Used mine once on the road and it did manage to put some air in the tyre.

Part of the problem is its location where it gets showered in road dirt.

Mine has a small red collar which acts as a seal when the pump is closed.

I don't bother carrying another pump, partly because I have Marathon Pluses.

I've only had one puncture that I couldn't limp home on.

In that case, I folded the bike and phoned for a taxi.


----------



## shouldbeinbed (20 Dec 2014)

My 2013 model had the pump as standard equipment.


----------



## Dirtyhanz (20 Dec 2014)

Thank you all for your quick replys great so comes with a pump but might have to buy a better one any recommendations thanks


----------



## Pale Rider (20 Dec 2014)

A pump with a separate hose is good because you are less likely to damage the valve while pumping, and your hands stay cleaner.

Lots around, but this Lezyne is nicely made and comparatively cheap at £15.

The hose is quite clever, one end does Schrader, one does Presta, so you will be able to pump up your new Brommie's tyres and offer assistance to any roadie you may come across who is in pneumatic distress.

https://www.cyclestore.co.uk/lezyne...ump-ID_65496?gclid=CPCJvOiW1cICFcPMtAodt2wAjA


----------



## shouldbeinbed (20 Dec 2014)

My take with me pump of choice is the Topeak Pocket Rocket. You can flip the head parts for Presta & Schrader & it'll readily put 100psi in a tyre without the effort ruining the rest of your ride.

That said, Brommy & puncture can be solved by a bus or taxi just as readily as patch & pump


----------



## TheDoctor (20 Dec 2014)

Topeak Morph. I've got a Mountain Morph (for my touring bikes - had it a decade or more) and a Road Morph and they're both great. They're like a mini portable track pump, but I'm not sure which one would best suit a Brompton. Whichever is on an offer at the time, I suspect.


----------



## GrumpyGregry (21 Dec 2014)

mine came with a pump but I carry a Lezyne as the Brommie one is a flimsy pos.


----------



## Blue Hills (22 Dec 2014)

My 5 speed approx 2000 model came with a pump.

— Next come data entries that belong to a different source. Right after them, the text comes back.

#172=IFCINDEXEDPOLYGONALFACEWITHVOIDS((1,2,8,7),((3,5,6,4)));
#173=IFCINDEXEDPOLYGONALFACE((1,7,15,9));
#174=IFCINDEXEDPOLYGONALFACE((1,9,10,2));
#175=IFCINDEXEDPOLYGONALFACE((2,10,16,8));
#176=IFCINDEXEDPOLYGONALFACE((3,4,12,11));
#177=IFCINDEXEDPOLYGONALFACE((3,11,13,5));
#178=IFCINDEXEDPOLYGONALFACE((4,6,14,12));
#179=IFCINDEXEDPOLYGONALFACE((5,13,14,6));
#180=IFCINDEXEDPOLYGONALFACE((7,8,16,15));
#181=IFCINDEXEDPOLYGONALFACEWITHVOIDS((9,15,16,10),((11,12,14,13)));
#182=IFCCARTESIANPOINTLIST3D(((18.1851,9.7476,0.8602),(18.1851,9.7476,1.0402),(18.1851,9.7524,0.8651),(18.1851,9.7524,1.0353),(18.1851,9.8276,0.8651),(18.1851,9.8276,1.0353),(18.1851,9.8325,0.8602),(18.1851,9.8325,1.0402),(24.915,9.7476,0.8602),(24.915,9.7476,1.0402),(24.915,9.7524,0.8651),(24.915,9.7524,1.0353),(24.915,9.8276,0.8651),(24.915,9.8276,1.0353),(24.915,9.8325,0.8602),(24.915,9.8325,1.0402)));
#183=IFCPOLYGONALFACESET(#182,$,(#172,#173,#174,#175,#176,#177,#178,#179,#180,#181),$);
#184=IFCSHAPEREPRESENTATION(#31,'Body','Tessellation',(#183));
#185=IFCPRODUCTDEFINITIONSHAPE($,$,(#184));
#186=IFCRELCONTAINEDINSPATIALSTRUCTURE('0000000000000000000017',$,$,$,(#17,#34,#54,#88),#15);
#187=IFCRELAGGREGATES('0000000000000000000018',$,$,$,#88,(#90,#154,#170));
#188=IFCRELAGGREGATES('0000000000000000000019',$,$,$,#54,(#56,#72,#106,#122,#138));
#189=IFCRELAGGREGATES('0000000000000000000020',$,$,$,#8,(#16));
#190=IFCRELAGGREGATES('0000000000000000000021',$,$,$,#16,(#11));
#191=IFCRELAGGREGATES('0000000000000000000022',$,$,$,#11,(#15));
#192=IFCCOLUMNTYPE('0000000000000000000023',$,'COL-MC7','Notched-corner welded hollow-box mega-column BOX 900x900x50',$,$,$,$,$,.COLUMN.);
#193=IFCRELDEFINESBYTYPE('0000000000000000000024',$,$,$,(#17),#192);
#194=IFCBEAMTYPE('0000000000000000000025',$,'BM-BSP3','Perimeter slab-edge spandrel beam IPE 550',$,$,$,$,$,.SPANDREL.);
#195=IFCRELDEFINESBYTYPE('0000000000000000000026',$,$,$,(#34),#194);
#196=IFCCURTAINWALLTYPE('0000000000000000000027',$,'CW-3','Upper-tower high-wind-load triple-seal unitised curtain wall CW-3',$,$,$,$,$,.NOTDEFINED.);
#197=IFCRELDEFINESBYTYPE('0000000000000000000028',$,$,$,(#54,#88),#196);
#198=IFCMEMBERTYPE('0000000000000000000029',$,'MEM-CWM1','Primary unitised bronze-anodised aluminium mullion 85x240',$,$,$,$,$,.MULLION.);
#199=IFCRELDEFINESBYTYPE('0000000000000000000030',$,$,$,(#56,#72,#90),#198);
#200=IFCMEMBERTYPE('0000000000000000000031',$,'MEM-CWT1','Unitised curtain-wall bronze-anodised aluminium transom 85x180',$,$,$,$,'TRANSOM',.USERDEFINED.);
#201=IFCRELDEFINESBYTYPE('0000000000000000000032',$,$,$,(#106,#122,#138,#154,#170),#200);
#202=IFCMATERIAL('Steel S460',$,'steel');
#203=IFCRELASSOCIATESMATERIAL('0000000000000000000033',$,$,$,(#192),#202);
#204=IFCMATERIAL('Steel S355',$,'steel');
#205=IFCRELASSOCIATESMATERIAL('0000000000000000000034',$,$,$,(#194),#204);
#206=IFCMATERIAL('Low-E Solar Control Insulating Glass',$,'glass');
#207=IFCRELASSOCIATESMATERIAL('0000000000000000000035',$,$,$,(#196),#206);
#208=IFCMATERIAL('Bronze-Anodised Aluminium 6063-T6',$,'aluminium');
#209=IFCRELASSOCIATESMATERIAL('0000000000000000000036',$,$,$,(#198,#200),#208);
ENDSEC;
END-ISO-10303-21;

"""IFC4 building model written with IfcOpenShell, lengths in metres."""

Never used it clearly terrible.

I use a topeak morph.


----------



## Ridelegalforfun (24 Jan 2015)

My 2007 6 speed came with the poor Zefal others have mentioned.

It fell off and jammed the rear wheel on a poorly surfaced main road through Hereford and has never been replaced.

The titanium tip above is great as I'd forgotten that pump weight was sacrificed in the lightweight Brompy packages.

Unless you intend to ride pole to pole on yours, a decent set of tyres, bus services or short pushes mean it's not worth carrying a pump, whether you're buying Titanium or steel.


----------



## Rural halfwit (21 Feb 2015)

Get some M+ tyres..and another/different pump.


----------